Statistical significance in A/B testing is the probability that the difference you measured between your variant and control was not caused by random chance. That is it. Every stats textbook complicates this definition, but the plain-English version is enough to run tests responsibly. When a tool says your variant is significant at 95%, it means that if the variant were actually identical to control in the real world, you would only see a result this extreme about 5% of the time by accident. This guide walks through what significance really means, why 95% became the default, how p-values work, what Type I and Type II errors are, and why peeking early ruins more tests than bad copy does. No stats degree required — just clear thinking about what your numbers actually say.
- What statistical significance actually means
- The 95% confidence threshold (and why it exists)
- Understanding p-values without a stats degree
- Type I and Type II errors in plain English
- Confidence intervals vs. significance
- Why the peeking problem ruins tests
- Frequentist vs. Bayesian — a brief orientation
What statistical significance actually means
Statistical significance is a statement about probability, not truth. When a test reaches 95% significance, it does not mean your variant is 95% likely to be better. It means that assuming the variant and control performed identically, there is only a 5% chance you would see a difference this large (or larger) purely from random visitor behavior. The distinction matters because people routinely read 95% significant as 95% chance this variant wins — and that is mathematically wrong.
Think of it this way. If you flip a fair coin ten times, you might get seven heads. That does not mean the coin is rigged. It means random variation is real and noisy over small samples. Statistical significance is the formal framework for deciding when the seven-heads pattern is extreme enough that the coin is rigged becomes the more reasonable explanation. In A/B testing terms, your control is the fair coin. Your variant is the possibly-rigged coin. Significance is the threshold where you stop attributing the difference to luck and start attributing it to the change you made.
The 95% confidence threshold (and why)
The 95% threshold is not a mathematical law — it is a convention that hardened into standard practice because statistician Ronald Fisher casually suggested it in the 1920s. He never claimed 95% was optimal. He just thought a 1-in-20 false positive rate was a reasonable tradeoff for agricultural experiments. A century later, nearly every A/B testing platform, including Copysplit, defaults to it because the industry standardized around what Fisher happened to say.

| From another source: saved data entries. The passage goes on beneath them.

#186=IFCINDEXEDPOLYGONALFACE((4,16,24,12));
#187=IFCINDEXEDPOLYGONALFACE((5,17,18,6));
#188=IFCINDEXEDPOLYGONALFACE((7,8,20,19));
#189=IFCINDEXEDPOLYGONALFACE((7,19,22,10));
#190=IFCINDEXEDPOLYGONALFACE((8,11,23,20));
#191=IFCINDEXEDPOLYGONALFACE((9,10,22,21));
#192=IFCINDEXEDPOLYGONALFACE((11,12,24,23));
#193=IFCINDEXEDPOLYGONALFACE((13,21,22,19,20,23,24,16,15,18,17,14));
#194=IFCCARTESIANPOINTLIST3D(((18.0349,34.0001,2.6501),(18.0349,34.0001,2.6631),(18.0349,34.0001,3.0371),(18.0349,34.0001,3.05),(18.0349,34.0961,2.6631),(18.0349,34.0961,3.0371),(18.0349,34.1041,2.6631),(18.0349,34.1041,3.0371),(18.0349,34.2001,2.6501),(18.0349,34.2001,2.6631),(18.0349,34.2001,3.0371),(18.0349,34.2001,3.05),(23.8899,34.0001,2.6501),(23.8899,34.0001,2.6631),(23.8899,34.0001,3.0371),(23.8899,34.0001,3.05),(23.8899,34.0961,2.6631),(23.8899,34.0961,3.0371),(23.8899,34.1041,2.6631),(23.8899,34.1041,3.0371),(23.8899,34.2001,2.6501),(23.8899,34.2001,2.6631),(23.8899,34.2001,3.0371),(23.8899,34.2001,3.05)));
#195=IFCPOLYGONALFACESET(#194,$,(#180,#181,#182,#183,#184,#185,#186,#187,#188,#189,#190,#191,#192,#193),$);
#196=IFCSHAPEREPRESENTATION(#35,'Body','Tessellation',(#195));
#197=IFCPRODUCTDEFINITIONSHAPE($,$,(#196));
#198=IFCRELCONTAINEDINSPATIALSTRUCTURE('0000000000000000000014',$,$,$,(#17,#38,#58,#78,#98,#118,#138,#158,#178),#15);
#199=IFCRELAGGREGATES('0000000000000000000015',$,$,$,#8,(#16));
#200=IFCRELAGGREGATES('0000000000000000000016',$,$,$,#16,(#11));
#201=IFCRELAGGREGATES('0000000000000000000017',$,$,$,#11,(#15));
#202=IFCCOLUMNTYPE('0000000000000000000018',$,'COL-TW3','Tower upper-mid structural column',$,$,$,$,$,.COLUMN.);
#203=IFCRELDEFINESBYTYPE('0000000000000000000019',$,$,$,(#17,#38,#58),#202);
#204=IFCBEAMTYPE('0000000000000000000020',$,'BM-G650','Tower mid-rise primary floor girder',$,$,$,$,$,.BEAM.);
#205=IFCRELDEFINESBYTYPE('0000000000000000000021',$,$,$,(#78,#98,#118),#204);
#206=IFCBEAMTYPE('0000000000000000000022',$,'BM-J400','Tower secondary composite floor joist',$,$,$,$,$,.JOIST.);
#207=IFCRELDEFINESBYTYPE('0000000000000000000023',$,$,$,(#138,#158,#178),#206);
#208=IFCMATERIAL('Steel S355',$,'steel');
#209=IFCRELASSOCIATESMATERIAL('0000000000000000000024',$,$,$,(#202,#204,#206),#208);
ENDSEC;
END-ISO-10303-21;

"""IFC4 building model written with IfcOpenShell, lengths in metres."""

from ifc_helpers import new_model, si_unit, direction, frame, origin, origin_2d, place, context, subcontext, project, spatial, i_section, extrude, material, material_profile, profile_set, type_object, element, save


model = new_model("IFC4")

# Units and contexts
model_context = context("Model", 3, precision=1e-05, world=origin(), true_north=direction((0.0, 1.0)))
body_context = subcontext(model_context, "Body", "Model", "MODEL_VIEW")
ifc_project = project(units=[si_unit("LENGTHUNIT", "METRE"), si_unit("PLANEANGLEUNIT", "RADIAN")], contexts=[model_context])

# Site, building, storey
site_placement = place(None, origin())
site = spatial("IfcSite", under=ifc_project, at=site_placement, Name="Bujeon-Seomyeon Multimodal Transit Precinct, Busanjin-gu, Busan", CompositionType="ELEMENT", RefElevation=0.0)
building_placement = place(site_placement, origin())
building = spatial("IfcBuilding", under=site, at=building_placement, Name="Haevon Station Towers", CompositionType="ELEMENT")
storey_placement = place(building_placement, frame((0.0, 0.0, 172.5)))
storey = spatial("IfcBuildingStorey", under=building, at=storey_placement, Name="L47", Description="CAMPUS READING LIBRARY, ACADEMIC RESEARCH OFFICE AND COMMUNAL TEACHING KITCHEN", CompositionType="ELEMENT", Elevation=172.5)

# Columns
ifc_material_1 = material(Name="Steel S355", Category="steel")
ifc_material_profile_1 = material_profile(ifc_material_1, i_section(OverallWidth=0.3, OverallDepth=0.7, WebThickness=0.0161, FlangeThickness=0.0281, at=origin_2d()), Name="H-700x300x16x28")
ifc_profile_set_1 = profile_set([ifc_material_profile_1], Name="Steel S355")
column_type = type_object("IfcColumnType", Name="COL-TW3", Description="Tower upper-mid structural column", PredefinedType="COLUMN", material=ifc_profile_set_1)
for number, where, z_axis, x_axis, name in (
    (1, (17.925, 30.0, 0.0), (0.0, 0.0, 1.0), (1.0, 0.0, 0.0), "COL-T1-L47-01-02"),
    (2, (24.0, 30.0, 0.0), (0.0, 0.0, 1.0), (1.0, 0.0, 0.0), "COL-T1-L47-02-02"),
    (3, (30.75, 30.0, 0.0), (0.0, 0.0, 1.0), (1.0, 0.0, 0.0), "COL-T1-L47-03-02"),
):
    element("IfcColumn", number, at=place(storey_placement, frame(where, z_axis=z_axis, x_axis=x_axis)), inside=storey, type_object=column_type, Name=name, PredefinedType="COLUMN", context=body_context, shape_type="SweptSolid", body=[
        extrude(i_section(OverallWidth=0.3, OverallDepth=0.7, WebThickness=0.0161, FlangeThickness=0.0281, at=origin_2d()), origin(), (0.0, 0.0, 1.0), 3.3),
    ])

That does not mean 95% is wrong — it means it is a choice. If you are testing a change that could tank revenue (like a checkout flow rewrite), you might want 99% confidence. If you are testing a headline on a low-stakes blog post, 90% might be fine. The threshold is a dial, not a verdict. What matters is that you set the threshold before the test starts and stick to it. Moving your threshold after seeing results is called p-hacking, and it invalidates everything. In our experience, teams who pre-commit to 95% and stay disciplined about it catch far fewer false winners than teams who treat the threshold as a suggestion.

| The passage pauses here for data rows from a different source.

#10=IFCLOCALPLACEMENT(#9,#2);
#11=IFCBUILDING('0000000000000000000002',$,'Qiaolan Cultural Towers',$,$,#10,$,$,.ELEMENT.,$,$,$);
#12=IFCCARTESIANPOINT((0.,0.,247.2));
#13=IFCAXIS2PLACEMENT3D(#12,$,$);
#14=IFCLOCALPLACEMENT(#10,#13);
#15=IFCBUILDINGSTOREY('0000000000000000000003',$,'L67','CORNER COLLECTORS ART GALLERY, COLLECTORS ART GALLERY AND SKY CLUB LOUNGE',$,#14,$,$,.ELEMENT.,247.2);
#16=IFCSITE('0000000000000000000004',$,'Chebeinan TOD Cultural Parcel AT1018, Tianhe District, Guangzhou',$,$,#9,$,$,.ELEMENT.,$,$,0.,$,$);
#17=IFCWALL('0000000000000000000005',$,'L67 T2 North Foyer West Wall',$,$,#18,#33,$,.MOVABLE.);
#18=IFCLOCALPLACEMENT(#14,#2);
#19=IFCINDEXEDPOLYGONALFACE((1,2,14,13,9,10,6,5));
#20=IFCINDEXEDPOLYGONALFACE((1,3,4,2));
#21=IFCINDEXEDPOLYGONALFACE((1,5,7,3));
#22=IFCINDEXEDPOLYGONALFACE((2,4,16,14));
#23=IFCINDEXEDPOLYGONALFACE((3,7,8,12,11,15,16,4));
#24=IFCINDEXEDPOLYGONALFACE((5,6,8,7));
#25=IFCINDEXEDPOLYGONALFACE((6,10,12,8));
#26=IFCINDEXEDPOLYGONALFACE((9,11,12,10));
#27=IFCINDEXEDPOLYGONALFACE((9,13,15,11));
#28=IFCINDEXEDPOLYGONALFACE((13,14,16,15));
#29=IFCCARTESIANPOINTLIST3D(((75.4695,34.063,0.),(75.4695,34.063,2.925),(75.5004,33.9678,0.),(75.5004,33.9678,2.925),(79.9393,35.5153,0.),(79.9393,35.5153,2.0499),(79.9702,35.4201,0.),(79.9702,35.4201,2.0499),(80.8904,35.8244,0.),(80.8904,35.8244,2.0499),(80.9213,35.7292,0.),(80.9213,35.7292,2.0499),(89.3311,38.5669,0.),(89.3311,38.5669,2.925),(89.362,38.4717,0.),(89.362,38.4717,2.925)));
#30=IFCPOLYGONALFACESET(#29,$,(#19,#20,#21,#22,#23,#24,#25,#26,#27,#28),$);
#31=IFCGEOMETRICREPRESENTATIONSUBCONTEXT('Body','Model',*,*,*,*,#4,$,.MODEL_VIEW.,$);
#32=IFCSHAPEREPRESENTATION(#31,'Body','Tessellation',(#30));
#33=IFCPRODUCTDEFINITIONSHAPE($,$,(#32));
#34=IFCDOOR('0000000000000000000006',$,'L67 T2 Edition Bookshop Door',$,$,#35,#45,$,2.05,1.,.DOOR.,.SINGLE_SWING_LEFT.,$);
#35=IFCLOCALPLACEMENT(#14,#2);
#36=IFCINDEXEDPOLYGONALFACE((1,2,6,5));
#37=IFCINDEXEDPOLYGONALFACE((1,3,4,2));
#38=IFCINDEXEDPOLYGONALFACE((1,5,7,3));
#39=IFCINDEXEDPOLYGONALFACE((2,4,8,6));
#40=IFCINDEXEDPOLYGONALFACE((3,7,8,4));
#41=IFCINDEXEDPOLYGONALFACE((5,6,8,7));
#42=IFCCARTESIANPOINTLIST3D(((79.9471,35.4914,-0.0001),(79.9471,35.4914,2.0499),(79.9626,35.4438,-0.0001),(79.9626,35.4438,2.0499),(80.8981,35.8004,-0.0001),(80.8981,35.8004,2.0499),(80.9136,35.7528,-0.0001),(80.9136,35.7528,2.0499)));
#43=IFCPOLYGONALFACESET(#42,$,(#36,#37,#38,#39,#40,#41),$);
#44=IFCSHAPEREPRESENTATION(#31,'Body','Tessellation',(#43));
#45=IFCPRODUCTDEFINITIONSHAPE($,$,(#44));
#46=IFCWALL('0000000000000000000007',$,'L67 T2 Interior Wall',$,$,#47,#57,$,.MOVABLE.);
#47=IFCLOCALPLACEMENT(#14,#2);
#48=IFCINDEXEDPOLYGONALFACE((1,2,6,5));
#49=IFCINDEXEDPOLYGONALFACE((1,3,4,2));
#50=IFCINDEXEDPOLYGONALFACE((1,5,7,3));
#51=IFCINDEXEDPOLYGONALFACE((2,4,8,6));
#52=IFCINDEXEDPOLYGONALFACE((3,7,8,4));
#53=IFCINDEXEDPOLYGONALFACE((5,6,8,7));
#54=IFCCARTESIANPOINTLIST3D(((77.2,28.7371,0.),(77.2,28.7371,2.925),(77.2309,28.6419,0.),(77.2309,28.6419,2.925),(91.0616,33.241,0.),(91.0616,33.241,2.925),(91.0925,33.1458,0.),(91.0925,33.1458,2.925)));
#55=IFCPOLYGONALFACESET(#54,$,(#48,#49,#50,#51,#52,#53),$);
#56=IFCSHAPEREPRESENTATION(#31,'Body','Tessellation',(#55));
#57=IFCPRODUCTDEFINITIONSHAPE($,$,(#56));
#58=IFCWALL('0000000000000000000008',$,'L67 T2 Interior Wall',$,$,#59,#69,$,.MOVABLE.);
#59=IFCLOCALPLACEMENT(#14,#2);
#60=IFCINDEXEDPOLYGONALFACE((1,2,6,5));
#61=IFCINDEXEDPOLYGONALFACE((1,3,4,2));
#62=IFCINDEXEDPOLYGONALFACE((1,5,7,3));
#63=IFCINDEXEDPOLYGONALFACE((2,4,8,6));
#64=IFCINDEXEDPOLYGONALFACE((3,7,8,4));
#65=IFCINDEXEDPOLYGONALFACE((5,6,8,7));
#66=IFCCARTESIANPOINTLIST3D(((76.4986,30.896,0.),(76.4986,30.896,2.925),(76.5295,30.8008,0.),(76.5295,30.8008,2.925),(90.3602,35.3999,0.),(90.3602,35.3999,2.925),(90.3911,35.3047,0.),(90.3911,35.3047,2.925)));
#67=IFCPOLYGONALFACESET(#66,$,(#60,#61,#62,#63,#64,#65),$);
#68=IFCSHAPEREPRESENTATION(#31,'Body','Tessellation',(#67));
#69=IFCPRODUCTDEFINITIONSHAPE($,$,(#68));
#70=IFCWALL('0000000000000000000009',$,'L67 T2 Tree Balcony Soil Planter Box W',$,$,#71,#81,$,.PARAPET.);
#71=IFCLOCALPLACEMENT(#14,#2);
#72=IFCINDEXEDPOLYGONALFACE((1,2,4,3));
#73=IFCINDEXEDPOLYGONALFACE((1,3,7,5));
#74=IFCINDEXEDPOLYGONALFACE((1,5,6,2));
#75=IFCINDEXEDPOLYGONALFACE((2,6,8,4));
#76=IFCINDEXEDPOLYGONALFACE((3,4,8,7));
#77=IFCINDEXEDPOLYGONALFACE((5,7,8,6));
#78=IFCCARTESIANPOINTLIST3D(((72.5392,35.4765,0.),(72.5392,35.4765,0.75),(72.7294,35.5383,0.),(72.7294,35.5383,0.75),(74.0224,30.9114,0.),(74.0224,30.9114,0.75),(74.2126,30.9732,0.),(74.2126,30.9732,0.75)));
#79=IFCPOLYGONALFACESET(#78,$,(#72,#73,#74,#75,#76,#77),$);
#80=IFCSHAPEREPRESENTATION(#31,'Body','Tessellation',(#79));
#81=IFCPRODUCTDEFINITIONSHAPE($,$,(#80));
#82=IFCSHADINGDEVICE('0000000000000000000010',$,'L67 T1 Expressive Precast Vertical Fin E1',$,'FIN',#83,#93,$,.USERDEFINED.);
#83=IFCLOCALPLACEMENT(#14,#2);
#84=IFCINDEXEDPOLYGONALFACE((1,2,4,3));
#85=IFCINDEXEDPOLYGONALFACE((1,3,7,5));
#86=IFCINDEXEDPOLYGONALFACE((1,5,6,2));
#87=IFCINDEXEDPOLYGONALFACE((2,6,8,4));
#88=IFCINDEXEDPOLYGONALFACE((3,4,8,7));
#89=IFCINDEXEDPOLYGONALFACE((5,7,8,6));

Understanding p-values without a stats degree
A p-value is the single most misunderstood number in A/B testing. Here is the plain-English version: the p-value is the probability of seeing your observed result (or something more extreme) if the variant and control were actually performing the same. If your p-value is 0.03, that means there is a 3% chance you would see this much lift even if the variant had zero real effect. Because 3% is below the 5% threshold (1 minus 0.95), you call it significant.
The critical thing the p-value does not tell you: how likely it is that your variant is actually better. That is a different question entirely, and answering it requires Bayesian reasoning. A small p-value does not mean a big effect, either — with enough traffic, even a 0.1% lift can reach significance. So p-values answer one specific question: is this result surprising enough to not be chance? That is useful. But it is narrow. Treat the p-value as a filter against randomness, not as a measure of business impact or probability of success.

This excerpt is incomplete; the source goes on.